Dinga Sikwebu, NUMSAs nationaler Bildungskoordinator, war denn auch eingeladen, um das Buch vorzustellen. Er bezeichnete den ersten Band als eine gelungenen Quelle der Inspiration für NUMSA und verspricht sich von den weiteren Bänden konkrete Hilfestellungen im Rahmen der Weiterbildung von GewerkschafterInnen.

Froh zeigte sich Sikwebu über den Titel des Buches: „Der Marxismus ist nur in seiner theoretischen und praktischen Vielfalt ein Schatz.“ Zu lange sei der Marxismus autoritär eingesperrt worden und zu lange hätte die kommunistische Partei in Südafrika bestimmt, welcher Marxismus der richtige sei, so Sikwebu. Der anwesende Autor Devan Pillay stimmte Sikwebu hier zu.

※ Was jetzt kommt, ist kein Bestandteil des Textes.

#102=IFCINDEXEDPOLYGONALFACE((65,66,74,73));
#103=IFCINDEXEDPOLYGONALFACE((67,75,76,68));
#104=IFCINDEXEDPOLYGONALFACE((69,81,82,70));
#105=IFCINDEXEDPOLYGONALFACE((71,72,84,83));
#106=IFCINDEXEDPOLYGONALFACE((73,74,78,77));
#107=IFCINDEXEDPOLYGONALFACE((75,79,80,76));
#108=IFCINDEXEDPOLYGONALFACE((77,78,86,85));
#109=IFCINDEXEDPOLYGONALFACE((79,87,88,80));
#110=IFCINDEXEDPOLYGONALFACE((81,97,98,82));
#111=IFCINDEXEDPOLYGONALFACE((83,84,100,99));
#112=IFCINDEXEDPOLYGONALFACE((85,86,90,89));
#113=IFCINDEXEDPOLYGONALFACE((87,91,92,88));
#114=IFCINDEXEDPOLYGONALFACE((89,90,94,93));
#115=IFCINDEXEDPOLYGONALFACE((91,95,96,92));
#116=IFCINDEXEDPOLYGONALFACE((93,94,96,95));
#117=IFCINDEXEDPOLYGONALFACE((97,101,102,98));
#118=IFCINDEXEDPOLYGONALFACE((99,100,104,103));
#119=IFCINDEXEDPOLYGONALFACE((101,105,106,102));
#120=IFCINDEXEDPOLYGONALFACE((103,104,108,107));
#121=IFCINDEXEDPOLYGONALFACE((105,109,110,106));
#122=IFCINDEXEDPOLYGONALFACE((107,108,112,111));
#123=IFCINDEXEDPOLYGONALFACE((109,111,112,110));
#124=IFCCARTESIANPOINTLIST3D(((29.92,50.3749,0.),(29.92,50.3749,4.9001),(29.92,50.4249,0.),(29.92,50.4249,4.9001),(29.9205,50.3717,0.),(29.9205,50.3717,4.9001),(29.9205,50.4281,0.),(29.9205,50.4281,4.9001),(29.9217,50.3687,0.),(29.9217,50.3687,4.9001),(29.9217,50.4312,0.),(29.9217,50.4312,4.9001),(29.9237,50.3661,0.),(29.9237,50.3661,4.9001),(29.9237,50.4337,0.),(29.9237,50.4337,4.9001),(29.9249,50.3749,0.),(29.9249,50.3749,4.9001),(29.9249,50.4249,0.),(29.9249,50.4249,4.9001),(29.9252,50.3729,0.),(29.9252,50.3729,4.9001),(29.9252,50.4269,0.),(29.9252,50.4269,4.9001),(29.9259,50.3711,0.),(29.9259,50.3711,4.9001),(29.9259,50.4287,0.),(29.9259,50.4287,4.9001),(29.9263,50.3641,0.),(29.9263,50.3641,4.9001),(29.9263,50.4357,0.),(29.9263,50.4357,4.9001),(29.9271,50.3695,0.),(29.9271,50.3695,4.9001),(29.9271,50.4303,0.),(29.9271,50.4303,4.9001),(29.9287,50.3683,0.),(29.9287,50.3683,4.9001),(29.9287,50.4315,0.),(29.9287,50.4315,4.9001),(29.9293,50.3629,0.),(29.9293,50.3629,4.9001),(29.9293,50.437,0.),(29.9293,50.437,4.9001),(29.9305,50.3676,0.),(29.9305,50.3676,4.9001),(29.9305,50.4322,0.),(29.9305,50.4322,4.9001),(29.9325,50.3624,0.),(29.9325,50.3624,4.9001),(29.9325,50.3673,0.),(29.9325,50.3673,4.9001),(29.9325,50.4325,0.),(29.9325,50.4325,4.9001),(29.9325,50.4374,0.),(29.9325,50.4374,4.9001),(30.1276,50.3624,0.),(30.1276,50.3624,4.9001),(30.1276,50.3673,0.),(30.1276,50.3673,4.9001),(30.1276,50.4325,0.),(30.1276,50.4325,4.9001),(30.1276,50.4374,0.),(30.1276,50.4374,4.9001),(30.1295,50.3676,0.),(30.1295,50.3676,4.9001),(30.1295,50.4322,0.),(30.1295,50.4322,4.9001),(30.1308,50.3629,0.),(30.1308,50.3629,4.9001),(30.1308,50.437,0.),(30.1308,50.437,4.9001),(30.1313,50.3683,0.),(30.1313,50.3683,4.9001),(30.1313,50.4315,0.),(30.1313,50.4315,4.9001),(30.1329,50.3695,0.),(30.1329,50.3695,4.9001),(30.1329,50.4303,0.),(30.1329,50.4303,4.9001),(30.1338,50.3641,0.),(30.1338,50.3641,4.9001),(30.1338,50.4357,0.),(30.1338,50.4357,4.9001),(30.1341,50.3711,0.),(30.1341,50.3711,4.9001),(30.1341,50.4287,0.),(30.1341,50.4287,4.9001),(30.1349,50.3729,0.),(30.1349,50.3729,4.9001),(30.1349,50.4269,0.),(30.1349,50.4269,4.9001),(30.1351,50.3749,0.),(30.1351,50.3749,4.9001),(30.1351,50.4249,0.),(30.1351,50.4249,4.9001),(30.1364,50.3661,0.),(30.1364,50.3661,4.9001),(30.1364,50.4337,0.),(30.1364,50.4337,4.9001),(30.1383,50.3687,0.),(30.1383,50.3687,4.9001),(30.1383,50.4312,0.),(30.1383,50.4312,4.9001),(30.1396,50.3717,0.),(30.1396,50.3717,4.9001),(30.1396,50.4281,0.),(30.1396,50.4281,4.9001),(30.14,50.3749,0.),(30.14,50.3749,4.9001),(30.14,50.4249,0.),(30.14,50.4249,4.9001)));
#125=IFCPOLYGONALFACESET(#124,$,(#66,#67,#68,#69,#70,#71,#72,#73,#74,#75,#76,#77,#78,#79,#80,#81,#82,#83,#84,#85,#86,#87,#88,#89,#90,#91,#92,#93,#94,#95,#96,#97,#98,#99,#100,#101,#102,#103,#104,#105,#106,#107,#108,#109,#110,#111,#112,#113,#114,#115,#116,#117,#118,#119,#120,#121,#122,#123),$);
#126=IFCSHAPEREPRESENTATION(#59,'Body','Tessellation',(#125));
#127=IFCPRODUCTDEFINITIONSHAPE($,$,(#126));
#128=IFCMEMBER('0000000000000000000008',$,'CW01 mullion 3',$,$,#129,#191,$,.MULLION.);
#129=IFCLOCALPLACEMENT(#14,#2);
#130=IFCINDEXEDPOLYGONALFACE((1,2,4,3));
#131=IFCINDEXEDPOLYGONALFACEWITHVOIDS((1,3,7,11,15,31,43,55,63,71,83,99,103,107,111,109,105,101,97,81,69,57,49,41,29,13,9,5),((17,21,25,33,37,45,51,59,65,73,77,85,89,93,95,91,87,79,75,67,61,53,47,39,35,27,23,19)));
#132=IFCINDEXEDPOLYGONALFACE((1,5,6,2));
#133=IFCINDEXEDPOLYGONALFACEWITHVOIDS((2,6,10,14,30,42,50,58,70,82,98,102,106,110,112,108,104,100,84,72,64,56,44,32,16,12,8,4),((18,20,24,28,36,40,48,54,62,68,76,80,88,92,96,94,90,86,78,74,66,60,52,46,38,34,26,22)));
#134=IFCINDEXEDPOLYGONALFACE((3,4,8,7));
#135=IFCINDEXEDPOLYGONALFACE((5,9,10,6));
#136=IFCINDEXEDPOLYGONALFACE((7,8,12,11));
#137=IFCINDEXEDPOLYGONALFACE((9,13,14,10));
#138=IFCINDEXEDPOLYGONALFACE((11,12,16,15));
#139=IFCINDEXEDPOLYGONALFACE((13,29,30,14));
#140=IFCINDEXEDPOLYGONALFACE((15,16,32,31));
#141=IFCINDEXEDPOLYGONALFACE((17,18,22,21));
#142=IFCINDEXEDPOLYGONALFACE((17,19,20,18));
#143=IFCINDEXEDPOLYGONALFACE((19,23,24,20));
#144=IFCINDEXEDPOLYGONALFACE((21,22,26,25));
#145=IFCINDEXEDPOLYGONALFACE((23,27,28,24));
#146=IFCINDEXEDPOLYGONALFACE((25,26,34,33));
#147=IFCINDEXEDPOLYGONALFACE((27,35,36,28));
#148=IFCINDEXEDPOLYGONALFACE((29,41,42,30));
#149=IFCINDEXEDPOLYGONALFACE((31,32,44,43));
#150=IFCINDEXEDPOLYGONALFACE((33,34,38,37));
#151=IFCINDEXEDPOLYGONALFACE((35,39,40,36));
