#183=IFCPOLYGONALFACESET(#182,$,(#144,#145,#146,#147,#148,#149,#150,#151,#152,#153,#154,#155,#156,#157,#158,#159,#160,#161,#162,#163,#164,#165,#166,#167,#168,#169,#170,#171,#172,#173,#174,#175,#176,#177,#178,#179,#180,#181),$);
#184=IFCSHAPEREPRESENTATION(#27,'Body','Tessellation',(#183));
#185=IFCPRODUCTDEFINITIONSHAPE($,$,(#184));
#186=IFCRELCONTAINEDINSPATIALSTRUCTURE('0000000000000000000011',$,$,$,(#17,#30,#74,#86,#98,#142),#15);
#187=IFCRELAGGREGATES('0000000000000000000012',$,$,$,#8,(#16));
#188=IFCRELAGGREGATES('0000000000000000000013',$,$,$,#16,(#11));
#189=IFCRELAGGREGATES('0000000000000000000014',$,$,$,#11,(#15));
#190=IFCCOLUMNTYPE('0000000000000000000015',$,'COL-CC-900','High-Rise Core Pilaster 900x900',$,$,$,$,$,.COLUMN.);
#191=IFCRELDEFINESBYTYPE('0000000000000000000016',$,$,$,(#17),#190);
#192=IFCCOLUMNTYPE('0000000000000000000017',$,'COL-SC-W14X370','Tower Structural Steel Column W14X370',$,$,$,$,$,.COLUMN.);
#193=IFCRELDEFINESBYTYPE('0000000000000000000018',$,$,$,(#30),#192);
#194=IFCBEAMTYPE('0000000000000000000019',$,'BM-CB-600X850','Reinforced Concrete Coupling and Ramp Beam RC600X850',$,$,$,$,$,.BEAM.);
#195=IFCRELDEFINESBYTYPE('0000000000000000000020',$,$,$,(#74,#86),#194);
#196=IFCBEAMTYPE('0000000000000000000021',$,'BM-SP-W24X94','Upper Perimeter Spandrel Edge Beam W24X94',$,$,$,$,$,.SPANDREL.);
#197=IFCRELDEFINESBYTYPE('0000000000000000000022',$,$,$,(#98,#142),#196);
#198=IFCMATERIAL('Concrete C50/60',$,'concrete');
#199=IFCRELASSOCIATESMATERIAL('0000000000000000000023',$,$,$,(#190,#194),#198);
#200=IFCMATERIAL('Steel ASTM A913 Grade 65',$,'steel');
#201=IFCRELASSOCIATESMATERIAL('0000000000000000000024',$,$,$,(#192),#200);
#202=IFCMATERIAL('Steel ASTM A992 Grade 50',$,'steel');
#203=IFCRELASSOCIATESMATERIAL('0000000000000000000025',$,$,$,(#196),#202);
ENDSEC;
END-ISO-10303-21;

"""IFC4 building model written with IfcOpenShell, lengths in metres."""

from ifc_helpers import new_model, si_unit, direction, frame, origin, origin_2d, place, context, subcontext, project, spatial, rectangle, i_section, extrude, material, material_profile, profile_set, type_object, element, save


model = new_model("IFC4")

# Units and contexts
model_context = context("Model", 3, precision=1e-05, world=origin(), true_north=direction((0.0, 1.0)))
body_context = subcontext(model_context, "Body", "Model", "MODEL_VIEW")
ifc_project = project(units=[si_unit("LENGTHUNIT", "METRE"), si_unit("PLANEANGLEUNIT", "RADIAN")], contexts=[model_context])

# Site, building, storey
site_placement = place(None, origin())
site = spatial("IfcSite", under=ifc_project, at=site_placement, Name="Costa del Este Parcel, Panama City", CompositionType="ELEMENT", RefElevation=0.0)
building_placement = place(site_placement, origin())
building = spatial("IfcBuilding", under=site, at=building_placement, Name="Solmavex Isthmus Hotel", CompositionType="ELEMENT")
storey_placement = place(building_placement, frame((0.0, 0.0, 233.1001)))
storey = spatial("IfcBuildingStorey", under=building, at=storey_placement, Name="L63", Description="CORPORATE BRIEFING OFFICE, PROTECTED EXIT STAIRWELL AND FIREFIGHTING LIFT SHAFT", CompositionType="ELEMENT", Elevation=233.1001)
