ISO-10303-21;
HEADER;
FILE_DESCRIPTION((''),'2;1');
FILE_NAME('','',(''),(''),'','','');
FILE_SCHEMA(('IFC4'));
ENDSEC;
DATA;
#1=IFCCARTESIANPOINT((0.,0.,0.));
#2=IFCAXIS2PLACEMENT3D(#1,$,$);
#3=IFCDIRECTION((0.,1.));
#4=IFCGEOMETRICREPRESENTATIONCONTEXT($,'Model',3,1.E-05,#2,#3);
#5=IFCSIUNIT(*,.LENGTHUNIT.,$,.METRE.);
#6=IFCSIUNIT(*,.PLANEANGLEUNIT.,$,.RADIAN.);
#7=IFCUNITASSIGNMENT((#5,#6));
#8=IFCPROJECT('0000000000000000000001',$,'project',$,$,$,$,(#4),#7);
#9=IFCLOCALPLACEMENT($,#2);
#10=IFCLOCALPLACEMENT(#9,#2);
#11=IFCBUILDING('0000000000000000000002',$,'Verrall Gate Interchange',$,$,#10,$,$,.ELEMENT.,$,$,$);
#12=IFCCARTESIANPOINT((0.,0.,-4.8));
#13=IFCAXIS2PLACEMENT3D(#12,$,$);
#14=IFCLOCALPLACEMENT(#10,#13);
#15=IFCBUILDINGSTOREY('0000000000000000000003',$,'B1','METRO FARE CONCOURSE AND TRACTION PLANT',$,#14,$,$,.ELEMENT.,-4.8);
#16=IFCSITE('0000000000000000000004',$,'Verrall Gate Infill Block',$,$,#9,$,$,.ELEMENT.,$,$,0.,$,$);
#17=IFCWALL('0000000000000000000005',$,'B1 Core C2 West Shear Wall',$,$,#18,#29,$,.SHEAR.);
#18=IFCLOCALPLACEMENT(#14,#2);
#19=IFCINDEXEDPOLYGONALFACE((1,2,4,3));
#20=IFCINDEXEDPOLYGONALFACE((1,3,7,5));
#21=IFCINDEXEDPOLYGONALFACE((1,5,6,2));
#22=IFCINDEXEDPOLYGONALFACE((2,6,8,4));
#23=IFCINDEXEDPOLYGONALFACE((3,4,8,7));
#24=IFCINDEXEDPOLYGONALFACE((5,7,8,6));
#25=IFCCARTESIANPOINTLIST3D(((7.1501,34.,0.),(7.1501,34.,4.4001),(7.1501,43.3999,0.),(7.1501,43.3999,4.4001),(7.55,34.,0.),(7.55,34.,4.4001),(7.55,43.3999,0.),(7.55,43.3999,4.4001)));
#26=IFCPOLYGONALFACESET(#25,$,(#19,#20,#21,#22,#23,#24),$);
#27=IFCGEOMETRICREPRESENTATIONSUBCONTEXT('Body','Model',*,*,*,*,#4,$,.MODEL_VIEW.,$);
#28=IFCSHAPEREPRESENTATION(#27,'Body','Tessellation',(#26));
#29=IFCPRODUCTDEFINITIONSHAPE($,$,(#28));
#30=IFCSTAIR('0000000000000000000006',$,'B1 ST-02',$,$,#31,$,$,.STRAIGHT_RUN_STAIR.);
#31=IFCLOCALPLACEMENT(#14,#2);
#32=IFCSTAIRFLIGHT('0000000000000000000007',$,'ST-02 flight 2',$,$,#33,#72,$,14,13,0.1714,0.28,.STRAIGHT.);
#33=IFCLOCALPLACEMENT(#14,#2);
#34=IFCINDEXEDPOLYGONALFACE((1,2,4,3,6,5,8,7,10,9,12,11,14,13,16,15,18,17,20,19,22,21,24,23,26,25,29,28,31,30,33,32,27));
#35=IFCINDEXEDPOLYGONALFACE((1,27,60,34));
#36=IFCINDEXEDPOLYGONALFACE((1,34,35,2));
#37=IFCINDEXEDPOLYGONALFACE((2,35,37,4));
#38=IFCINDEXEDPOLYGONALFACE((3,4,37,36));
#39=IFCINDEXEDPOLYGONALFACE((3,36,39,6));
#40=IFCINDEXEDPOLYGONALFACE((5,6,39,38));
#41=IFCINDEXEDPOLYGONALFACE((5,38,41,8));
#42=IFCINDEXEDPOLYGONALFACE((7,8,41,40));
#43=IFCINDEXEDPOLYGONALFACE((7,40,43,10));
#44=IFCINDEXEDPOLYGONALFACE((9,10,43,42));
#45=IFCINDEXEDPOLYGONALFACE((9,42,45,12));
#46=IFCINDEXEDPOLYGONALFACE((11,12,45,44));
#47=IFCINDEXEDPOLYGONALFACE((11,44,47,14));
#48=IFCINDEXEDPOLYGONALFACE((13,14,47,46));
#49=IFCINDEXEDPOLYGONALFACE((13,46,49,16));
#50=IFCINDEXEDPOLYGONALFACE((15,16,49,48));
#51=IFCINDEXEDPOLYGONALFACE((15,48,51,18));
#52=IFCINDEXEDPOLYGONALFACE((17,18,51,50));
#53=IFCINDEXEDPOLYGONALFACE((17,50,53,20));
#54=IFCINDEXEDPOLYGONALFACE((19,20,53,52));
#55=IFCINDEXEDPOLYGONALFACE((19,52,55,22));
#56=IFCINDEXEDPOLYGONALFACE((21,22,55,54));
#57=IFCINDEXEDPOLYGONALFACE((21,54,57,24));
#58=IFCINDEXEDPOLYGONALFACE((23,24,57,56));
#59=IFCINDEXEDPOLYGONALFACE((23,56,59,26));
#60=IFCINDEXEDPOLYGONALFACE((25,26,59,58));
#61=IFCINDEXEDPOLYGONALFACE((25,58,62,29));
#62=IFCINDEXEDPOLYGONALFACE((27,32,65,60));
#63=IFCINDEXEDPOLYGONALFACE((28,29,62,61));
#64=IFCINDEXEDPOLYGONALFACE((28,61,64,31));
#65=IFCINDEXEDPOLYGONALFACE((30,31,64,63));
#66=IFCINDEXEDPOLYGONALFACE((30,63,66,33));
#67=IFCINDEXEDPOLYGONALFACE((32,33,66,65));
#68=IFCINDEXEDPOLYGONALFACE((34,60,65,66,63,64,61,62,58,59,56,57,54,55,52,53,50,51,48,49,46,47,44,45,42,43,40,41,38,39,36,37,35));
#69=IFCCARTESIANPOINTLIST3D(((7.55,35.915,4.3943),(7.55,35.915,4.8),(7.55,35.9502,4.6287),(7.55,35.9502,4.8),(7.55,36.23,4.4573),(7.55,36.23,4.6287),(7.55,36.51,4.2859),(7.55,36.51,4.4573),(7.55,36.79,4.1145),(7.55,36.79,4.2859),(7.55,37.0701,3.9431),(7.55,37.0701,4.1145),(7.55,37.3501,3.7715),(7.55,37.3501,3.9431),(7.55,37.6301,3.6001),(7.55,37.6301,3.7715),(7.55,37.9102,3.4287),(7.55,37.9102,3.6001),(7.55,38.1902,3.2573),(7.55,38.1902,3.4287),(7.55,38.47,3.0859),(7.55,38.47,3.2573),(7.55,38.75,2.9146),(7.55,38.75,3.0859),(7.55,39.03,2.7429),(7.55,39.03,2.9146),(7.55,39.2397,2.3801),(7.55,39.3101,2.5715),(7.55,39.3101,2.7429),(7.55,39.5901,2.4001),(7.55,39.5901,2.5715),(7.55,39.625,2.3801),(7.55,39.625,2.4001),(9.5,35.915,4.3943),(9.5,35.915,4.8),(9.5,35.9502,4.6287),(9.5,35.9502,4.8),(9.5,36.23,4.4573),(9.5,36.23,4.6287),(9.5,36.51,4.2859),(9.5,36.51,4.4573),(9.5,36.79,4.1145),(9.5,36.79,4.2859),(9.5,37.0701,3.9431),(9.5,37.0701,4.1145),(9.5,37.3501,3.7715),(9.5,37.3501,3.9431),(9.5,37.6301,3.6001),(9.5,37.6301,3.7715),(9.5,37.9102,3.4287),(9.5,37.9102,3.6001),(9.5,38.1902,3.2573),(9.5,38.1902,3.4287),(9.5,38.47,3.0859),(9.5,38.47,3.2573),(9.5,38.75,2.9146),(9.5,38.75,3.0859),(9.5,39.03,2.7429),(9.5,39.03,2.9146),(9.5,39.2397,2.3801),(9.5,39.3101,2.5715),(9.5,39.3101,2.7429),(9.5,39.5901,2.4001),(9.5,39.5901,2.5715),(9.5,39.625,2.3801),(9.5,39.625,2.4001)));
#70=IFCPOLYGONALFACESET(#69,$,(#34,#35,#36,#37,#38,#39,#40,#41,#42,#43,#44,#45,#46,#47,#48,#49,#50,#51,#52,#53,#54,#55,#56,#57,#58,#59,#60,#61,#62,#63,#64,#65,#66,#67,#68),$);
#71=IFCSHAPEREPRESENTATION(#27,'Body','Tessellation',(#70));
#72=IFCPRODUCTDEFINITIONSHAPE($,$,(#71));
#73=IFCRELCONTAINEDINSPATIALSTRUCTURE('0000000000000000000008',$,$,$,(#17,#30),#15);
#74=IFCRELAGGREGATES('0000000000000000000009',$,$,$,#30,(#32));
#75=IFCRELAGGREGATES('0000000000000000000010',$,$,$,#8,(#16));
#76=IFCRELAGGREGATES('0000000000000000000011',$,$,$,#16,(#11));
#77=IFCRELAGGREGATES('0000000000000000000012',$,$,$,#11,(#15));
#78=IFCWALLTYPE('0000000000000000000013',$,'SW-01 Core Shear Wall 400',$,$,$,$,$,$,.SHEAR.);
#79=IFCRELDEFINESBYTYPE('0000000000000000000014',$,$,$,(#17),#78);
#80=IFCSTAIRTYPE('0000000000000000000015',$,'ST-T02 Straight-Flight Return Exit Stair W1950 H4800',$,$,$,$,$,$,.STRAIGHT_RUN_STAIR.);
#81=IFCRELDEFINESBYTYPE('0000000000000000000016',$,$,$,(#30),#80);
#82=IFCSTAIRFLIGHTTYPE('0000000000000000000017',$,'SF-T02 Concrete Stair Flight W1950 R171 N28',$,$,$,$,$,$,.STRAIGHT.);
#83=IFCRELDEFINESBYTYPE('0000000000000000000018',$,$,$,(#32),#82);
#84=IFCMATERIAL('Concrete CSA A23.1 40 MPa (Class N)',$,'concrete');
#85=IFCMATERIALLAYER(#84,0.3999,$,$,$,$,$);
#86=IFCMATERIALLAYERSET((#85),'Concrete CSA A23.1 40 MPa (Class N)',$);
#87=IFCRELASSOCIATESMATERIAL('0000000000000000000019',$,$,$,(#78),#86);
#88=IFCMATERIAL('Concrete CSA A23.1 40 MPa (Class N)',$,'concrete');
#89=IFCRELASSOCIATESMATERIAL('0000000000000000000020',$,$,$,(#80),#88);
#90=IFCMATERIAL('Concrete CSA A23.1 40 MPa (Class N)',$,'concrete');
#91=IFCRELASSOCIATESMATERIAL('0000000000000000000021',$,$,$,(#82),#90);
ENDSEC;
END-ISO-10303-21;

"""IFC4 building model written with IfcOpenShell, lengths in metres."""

from ifc_helpers import new_model, si_unit, direction, frame, frame_2d, origin, place, context, subcontext, project, spatial, polyline, rectangle, outline, extrude, material, layer, layer_set, type_object, element, aggregate, save


model = new_model("IFC4")

# Units and contexts
model_context = context("Model", 3, precision=1e-05, world=origin(), true_north=direction((0.0, 1.0)))
body_context = subcontext(model_context, "Body", "Model", "MODEL_VIEW")
ifc_project = project(units=[si_unit("LENGTHUNIT", "METRE"), si_unit("PLANEANGLEUNIT", "RADIAN")], contexts=[model_context])

# Site, building, storey
site_placement = place(None, origin())
site = spatial("IfcSite", under=ifc_project, at=site_placement, Name="Verrall Gate Infill Block", CompositionType="ELEMENT", RefElevation=0.0)
building_placement = place(site_placement, origin())
building = spatial("IfcBuilding", under=site, at=building_placement, Name="Verrall Gate Interchange", CompositionType="ELEMENT")
storey_placement = place(building_placement, frame((0.0, 0.0, -4.8)))
storey = spatial("IfcBuildingStorey", under=building, at=storey_placement, Name="B1", Description="METRO FARE CONCOURSE AND TRACTION PLANT", CompositionType="ELEMENT", Elevation=-4.8)

# Wall
ifc_material_1 = material(Name="Concrete CSA A23.1 40 MPa (Class N)", Category="concrete")
ifc_layer_1 = layer(ifc_material_1, 0.3999)
ifc_layer_set_1 = layer_set([ifc_layer_1], Name="Concrete CSA A23.1 40 MPa (Class N)")
wall_type_1 = type_object("IfcWallType", Name="SW-01 Core Shear Wall 400", PredefinedType="SHEAR", material=ifc_layer_set_1)
wall_1_placement = place(storey_placement, frame((7.3501, 43.3999, 0.0), z_axis=(0.0, 0.0, 1.0), x_axis=(0.0, -1.0, 0.0)))
element("IfcWall", 1, at=wall_1_placement, inside=storey, type_object=wall_type_1, Name="B1 Core C2 West Shear Wall", PredefinedType="SHEAR", context=body_context, shape_type="SweptSolid", body=[
    extrude(rectangle(XDim=9.3999, YDim=0.3999, at=frame_2d((4.7, 0.0))), origin(), (0.0, 0.0, 1.0), 4.4001),
])

# Stair, stair flight
ifc_material_2 = material(Name="Concrete CSA A23.1 40 MPa (Class N)", Category="concrete")
stair_type = type_object("IfcStairType", Name="ST-T02 Straight-Flight Return Exit Stair W1950 H4800", PredefinedType="STRAIGHT_RUN_STAIR", material=ifc_material_2)
stair_placement = place(storey_placement, origin())
stair = element("IfcStair", 2, at=stair_placement, inside=storey, type_object=stair_type, Name="B1 ST-02", PredefinedType="STRAIGHT_RUN_STAIR")
ifc_material_3 = material(Name="Concrete CSA A23.1 40 MPa (Class N)", Category="concrete")
stair_flight_type = type_object("IfcStairFlightType", Name="SF-T02 Concrete Stair Flight W1950 R171 N28", PredefinedType="STRAIGHT", material=ifc_material_3)
stair_flight_placement = place(storey_placement, frame((8.5249, 39.5901, 2.4001), z_axis=(0.0, 0.0, 1.0), x_axis=(0.0, -1.0, 0.0)))
stair_flight = element("IfcStairFlight", 3, at=stair_flight_placement, type_object=stair_flight_type, Name="ST-02 flight 2", NumberOfRisers=14, NumberOfTreads=13, PredefinedType="STRAIGHT", RiserHeight=0.1714, TreadLength=0.28, context=body_context, shape_type="SweptSolid", body=[
    extrude(outline(polyline([(-0.0349, -0.02), (-0.0349, 0.0), (0.0, 0.0), (0.0, 0.1714), (0.28, 0.1714), (0.28, 0.3428), (0.5601, 0.3428), (0.5601, 0.5144), (0.8401, 0.5144), (0.8401, 0.6858), (1.1201, 0.6858), (1.1201, 0.8572), (1.3999, 0.8572), (1.3999, 1.0286), (1.6799, 1.0286), (1.6799, 1.2), (1.96, 1.2), (1.96, 1.3713), (2.24, 1.3713), (2.24, 1.543), (2.52, 1.543), (2.52, 1.7144), (2.8, 1.7144), (2.8, 1.8857), (3.0801, 1.8857), (3.0801, 2.0571), (3.3601, 2.0571), (3.3601, 2.2285), (3.6399, 2.2285), (3.6399, 2.3999), (3.675, 2.3999), (3.675, 1.9941), (0.3503, -0.02), (-0.0349, -0.02)])), frame((0.0, 0.9751, 0.0), z_axis=(0.0, -1.0, 0.0), x_axis=(1.0, 0.0, 0.0)), (0.0, 0.0, 1.0), 1.95),
])
aggregate(stair, [stair_flight])

save(model, "model.ifc")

Satghar ging in seiner kurzen Präsentation auf die Frage des Verhältnis von Marxismus und Demokratie ein. Demokratische Rechte gilt es gerade heute, wo der Neoliberalismus die Deokratie aushöhlt, zu verteidigen. Das Wahlrecht und damit die repräsentative Demokratie ist Teil der vielen Kämpfe von Menschen für Freiheit und Selbstbestimmung seit der französischen Revolution bis zu den Bürgerhaushalten in Curitiba und anderswo. Die liberale Demokratie sollte daher nicht, wie 1917 geschehen, missachtet werden. Sozialismus ohne Demokratie ist nicht denkbar, will man nicht in die dunkle Zeit des Marxismus nach der russischen Revolution zurückfallen, so Satghar.

Im ersten Band weitgehend unbeleuchtet bleibt das Verhältnis von Marxismus und Keynesianismus (Kapitel 10 Limits of ANC ‚Marxism‘). Vieles deutet darauf hin, dass wie schon nach der großen Wirtschaftskrise Anfang des 20. Jahrhunderts und den Katastrophen der Weltkriege das Pendel von einem marktradikalen Kapitalismus zu einem mehr geregelten, staatlich eingehegten Kapitalismus schwingen wird. Die Entwicklung Südafrikas, die wieder wachsende Rolle des Staates in der Wirtschaft und das anschwellende Lamento der Konservativen gegen die anwachsenden Sozialausgabe unterstreichen diesen Befund.

Die AutorInnen sind daher aufgefordert, in den beiden kommenden Bänden noch klarer die Beziehungen zwischen erneuertem Keynsianismus, wohlfahrtsstaatlichen Politiken und dem globalisierten Finanzkapitalismus sowie der Rolle von transformativ-emanzipatorischen Projekten (marxistsicher Prägung) in den verschiedenen Weltregionen darzulegen.